The default allocator is thread-safe, and custom allocators might also be. So for your allocator adapters to not destroy the thread-safety, you need to make sure you handle that correctly.

  • logged: while this doesn't break anything when used from multiple threads, it might cause the log messages from being mixed together. You could add a mutex to prevent that, but I suggest just making sure you do everything with a single use of <<, as then it is likely that the underlying stream will handle it as an atomic operation. So for example:
    std::clog << std::format("allocate {} = {}\n", n, pv);
    
    Also consider that other things might output to std::clog as well, not just your allocator adapters.
  • checked: use a mutex to guard population.
  • shared_copyable: despite std::shared_ptr being somewhat thread-safe, it's not safe to have two threads to access the exact same std::shared_ptr object at the same time. So consider whether you want to allow concurrent access to the same shared_copyable object.
  • no_delete_exceptions: same issue as logged.

Check the return value of try_emplace()

In checked, consider checking the return value of try_emplace(). This could catch misbehaving allocators that return the same point for different allocations with overlapping lifetimes, but it could also still point to errors in the caller. Consider someone making two std::pmr::monotic_buffer_resource objects but accidentally giving them a pointer to the same buffer.
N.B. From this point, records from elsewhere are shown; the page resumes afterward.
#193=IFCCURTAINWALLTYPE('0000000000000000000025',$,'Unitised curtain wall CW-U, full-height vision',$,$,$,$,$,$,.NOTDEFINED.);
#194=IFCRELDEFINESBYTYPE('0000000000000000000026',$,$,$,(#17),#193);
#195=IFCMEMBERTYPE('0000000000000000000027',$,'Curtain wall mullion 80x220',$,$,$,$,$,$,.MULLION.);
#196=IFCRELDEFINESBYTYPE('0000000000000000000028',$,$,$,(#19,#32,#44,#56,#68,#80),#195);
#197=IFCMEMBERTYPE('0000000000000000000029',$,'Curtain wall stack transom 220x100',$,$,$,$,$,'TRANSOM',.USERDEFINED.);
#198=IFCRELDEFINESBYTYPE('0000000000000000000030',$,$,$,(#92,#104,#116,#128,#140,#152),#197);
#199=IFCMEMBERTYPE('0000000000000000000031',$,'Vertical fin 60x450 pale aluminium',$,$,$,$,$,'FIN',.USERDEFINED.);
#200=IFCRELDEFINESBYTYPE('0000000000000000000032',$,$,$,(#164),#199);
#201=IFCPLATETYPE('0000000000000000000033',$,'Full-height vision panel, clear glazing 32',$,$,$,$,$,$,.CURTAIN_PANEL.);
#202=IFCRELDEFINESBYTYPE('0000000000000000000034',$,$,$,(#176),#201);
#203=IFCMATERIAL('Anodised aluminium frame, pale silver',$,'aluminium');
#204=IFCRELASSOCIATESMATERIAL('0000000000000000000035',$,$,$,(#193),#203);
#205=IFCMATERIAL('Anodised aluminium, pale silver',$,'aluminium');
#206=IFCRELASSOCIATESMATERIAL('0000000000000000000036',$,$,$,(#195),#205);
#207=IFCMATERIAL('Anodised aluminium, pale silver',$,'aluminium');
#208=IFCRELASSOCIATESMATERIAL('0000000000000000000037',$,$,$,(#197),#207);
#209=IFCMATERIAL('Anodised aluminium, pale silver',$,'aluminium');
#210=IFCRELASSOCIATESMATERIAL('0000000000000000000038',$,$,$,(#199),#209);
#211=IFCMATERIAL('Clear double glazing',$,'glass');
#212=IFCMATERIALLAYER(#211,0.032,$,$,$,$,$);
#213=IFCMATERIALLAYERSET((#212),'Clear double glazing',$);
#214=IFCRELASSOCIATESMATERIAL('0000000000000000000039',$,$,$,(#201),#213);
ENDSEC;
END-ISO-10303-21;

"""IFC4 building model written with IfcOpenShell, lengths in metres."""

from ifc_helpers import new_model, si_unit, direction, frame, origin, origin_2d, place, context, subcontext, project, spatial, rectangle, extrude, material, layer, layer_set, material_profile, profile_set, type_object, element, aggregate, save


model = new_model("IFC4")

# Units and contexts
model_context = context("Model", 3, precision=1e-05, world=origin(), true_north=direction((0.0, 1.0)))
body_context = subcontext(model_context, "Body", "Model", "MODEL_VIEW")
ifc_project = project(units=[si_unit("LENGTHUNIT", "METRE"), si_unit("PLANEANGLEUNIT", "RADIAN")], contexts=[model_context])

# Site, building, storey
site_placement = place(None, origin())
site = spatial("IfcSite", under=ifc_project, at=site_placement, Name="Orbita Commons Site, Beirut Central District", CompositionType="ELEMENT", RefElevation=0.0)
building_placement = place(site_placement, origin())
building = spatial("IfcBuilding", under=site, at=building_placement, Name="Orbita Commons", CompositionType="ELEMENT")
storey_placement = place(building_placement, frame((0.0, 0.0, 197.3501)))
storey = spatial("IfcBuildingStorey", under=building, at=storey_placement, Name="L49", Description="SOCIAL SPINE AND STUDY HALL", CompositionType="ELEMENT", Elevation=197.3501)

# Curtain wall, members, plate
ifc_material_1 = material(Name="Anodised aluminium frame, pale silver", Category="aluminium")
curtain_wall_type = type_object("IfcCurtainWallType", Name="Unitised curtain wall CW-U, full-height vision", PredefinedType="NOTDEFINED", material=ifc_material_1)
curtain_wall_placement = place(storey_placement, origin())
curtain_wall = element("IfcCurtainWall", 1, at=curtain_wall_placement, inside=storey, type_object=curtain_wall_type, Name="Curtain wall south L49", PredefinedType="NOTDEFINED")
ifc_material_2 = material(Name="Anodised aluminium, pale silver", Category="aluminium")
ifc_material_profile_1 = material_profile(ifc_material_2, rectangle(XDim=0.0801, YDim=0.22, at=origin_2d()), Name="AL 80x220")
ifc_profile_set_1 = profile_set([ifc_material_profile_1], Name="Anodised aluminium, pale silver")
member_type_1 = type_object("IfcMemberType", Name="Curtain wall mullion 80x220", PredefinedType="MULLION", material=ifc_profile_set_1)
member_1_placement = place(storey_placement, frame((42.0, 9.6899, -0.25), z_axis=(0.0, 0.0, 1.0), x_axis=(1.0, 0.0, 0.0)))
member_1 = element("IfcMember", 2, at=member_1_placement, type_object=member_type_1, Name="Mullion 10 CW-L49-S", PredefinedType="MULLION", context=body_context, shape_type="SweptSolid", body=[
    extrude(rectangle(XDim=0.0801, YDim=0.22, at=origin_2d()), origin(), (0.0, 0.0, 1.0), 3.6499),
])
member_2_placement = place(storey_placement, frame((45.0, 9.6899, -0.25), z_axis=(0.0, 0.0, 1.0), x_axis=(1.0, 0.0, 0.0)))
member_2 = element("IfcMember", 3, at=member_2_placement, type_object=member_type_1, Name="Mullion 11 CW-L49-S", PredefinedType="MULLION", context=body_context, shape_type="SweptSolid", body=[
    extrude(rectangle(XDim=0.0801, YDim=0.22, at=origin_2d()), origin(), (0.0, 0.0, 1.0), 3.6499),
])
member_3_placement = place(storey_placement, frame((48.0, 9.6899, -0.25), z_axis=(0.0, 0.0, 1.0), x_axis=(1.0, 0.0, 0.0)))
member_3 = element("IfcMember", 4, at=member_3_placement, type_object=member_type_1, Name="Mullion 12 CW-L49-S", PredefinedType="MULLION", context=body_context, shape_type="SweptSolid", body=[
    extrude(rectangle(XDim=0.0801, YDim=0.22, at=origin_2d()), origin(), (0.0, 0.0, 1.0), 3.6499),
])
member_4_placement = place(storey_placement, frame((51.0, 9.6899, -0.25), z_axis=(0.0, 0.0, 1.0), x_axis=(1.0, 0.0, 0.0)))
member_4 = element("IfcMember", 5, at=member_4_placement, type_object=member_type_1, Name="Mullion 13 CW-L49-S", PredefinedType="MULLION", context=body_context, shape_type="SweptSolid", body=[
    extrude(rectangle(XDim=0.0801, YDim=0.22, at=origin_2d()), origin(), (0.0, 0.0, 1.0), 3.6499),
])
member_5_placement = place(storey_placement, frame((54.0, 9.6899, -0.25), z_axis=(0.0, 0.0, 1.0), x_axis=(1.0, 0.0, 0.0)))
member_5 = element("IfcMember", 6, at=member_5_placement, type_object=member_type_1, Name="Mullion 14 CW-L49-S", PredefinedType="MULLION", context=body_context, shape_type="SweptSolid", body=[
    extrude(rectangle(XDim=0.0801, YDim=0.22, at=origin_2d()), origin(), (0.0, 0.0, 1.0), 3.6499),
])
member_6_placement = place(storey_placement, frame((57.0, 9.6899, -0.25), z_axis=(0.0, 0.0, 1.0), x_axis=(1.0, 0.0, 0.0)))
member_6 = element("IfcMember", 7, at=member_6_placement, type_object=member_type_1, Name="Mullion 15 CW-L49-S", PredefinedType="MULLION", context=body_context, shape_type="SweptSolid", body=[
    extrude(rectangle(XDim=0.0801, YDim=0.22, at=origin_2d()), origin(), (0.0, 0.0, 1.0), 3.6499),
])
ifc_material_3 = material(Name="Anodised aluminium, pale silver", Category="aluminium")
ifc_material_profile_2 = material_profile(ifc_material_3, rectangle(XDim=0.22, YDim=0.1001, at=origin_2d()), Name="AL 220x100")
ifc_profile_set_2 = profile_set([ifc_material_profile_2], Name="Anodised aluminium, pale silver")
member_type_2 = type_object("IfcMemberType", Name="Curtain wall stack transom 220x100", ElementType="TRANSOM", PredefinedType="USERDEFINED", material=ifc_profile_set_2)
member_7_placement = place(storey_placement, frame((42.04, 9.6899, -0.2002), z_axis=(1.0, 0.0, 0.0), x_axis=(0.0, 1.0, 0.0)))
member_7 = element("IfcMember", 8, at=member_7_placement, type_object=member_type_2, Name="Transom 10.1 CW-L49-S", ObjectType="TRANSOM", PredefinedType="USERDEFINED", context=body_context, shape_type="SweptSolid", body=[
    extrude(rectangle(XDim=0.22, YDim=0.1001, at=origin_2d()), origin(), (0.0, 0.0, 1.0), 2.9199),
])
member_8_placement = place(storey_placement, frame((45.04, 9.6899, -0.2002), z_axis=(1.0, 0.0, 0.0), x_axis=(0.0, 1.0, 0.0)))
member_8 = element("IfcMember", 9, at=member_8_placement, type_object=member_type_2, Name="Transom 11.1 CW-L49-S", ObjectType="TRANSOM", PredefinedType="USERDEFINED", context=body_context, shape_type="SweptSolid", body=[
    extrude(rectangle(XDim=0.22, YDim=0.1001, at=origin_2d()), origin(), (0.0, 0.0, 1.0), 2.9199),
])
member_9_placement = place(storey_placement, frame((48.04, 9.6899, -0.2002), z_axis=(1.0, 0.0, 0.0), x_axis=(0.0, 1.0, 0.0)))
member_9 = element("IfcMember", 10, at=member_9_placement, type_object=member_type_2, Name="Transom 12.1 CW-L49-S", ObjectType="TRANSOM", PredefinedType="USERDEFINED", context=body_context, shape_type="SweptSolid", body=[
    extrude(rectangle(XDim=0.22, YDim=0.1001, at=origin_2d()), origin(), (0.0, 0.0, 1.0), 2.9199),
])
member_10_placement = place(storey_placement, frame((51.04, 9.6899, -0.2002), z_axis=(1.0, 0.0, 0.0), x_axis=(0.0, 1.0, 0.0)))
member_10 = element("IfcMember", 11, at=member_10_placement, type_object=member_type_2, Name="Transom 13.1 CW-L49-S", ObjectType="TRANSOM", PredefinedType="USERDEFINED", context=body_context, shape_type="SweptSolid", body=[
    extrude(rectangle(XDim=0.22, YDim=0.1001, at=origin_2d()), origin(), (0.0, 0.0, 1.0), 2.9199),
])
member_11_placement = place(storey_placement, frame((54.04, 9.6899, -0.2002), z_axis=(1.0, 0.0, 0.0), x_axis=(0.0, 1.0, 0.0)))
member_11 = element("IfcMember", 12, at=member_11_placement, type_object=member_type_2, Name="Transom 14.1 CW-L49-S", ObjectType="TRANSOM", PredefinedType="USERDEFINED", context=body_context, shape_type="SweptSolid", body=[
Note that this only catches errors if two allocations return exactly the same pointer. What if they have different pointers but the memory ranges overlap?

Interaction with placement-new/delete

The checked allocator also tracks construction and destruction using construct() and destroy(), but it might be legal to use bare placement-new instead of construct(), but still call destroy() afterwards. So your checker could return false positives, although for everyone's sanity of mind, it's of course much better to enforce that the same way is used to construct as to destroy.

Missing std::forward()

Not all your construct() functions use std::forward() to forward args. That brings me to:

Missing unit tests

There are lots of unit tests that need to be added. You should not only test for your allocator adapters performing their special functionality, but also that everything is passed to the underlying allocators correctly.

[[nodiscard]], constexpr and noexcept

C++20 made a lot of allocator operations constexpr, and added [[nodiscard]] to the return value of allocate().

While I don't think any of the STL's allocators have anything that is noexcept anymore, consider that someone might implement their own non-throwing allocator (for example, for use in real-time code). You could add noexcept(noexcept(…)) clauses to the members of logged and shared_copyable, but this won't work for checked as its use of a std::map means it cannot be noexcept.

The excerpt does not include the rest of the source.